Emmené visiter des hôpitaux à Tripoli, M. Zenaïdi a exprimé «sa considération pour le progrès scientifique extraordinaire réalisé en Libye» et déclaré que ces établissements «constituent une source de fierté pour nos deux pays». Une attitude subtile de dire que les Tunisiens ne viennent pas en donneurs de leçons mais pour coopérer avec leurs frères libyens.
Aussi, après avoir grandement contribué à faire des échanges commerciaux tuniso-libyens ce qu’ils sont depuis quelques années – d’un niveau tel (près de deux milliards de dinars par an) qu’ils constituent une exception dans l’espace maghrébin –, M. Zenaidi est en train de jeter les bases d’une très étroite collaboration entre la Tunisie et la Libye dans le domaine de la santé, qui va au-delà du simple accueil et soin de malades libyens dans les cliniques privées tunisiennes.

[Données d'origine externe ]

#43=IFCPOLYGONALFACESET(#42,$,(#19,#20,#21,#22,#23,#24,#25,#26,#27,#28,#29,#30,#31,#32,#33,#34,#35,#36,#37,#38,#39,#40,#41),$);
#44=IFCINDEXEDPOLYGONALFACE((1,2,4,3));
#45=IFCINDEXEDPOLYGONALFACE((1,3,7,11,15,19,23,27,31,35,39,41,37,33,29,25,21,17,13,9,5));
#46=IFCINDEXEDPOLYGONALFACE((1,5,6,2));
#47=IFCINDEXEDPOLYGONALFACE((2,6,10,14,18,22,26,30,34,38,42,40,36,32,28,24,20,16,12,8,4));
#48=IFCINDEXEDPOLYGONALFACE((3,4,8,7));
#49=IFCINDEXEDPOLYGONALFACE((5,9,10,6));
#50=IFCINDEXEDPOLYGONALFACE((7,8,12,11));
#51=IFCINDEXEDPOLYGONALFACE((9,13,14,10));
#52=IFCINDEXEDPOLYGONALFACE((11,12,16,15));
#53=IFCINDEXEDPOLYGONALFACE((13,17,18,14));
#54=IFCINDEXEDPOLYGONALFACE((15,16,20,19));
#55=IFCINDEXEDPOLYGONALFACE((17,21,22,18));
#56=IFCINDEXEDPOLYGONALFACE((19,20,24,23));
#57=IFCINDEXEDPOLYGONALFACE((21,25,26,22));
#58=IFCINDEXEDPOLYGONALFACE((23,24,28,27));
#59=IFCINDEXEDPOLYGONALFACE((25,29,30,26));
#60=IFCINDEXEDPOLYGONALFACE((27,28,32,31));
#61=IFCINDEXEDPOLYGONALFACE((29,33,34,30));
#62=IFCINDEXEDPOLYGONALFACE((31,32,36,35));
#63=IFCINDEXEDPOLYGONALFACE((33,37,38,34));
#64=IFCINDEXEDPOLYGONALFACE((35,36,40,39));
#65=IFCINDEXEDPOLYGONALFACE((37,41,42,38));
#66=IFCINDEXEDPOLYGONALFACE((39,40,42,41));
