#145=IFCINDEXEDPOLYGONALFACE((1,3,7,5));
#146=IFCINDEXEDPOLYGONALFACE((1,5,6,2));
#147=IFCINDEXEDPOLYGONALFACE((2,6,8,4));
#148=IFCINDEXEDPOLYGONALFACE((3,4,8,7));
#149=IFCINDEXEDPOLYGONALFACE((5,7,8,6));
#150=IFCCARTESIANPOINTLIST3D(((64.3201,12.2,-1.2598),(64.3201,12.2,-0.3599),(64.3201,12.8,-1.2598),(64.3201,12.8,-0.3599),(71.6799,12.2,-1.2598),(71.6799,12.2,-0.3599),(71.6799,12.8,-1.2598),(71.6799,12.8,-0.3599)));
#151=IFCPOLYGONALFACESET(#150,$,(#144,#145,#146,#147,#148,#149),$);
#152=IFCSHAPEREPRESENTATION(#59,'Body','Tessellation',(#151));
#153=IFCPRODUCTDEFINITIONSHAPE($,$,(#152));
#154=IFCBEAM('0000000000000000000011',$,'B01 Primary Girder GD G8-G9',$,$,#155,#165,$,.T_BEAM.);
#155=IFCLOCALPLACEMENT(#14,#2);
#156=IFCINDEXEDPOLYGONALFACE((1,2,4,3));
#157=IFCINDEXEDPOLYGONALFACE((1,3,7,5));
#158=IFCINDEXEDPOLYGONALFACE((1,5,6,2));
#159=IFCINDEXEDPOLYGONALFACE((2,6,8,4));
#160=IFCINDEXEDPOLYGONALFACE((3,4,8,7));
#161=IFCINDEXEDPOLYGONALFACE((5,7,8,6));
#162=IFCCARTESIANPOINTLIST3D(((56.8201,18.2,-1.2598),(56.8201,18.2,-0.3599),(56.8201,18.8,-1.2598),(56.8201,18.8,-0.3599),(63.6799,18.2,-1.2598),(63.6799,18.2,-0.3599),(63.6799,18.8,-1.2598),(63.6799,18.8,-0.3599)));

Lors de son dernier voyage à Tripoli, le ministre de la Santé publique a pu ouvrir la voie à une percée des opérateurs tunisiens en Libye même. Certes, les deux pays collaborent déjà – comme dans la surveillance des maladies contagieuses –, et ils s’en sont déclarés satisfaits à cette occasion, tout en décidant d’aller plus loin, à commencer par ce domaine.
De nouveaux axes de coopération
Ainsi, il a été décidé de créer un «réseau de surveillance et d’alerte» dans le domaine des épidémies, d’échanger expériences et informations au sujet du cancer, de coopérer dans la surveillance sanitaire des produits de santé et alimentaires qui traversent la frontière entre les deux pays, de renforcer les dispositifs de lutte contre les maladies d’origine animale, de former un comité mixte pour unifier les procédures de contrôle des usines de produits pharmaceutiques dans les deux pays, de lutter contre la contrebande et la contrefaçon de médicaments.
Mais le plus important dans les accords conclus concerne la mise de l’expérience de la Tunisie à la disposition de la Libye pour l’aider à réaliser la mise à niveau de ses structures hospitalières et des compétences locales qui y sont employées. A cet effet, les deux parties ont décidé d’organiser dorénavant tous les ans un congrès ou une rencontre scientifique tuniso-libyenne «pour suivre la mise en place de systèmes de qualité des services de santé et de sécurité des malades dans les établissements sanitaires des deux pays », d’«échanger les experts et l’expertise dans le domaine de la formation des infirmiers et des techniciens», de créer un centre de formation tuniso-libyen en Libye destiné aux aides-soignants, et d’encourager l’investissement mixte dans l’industrie pharmaceutique.
Mais comme la Tunisie n’a pas le monopole de ce genre d’accords avec la Libye, il appartiendra aux Tunisiens actifs dans la santé de «transformer l’essai» et de s’imposer dans cette course, où ils devront soutenir la concurrence notamment des Français et des Etats-uniens.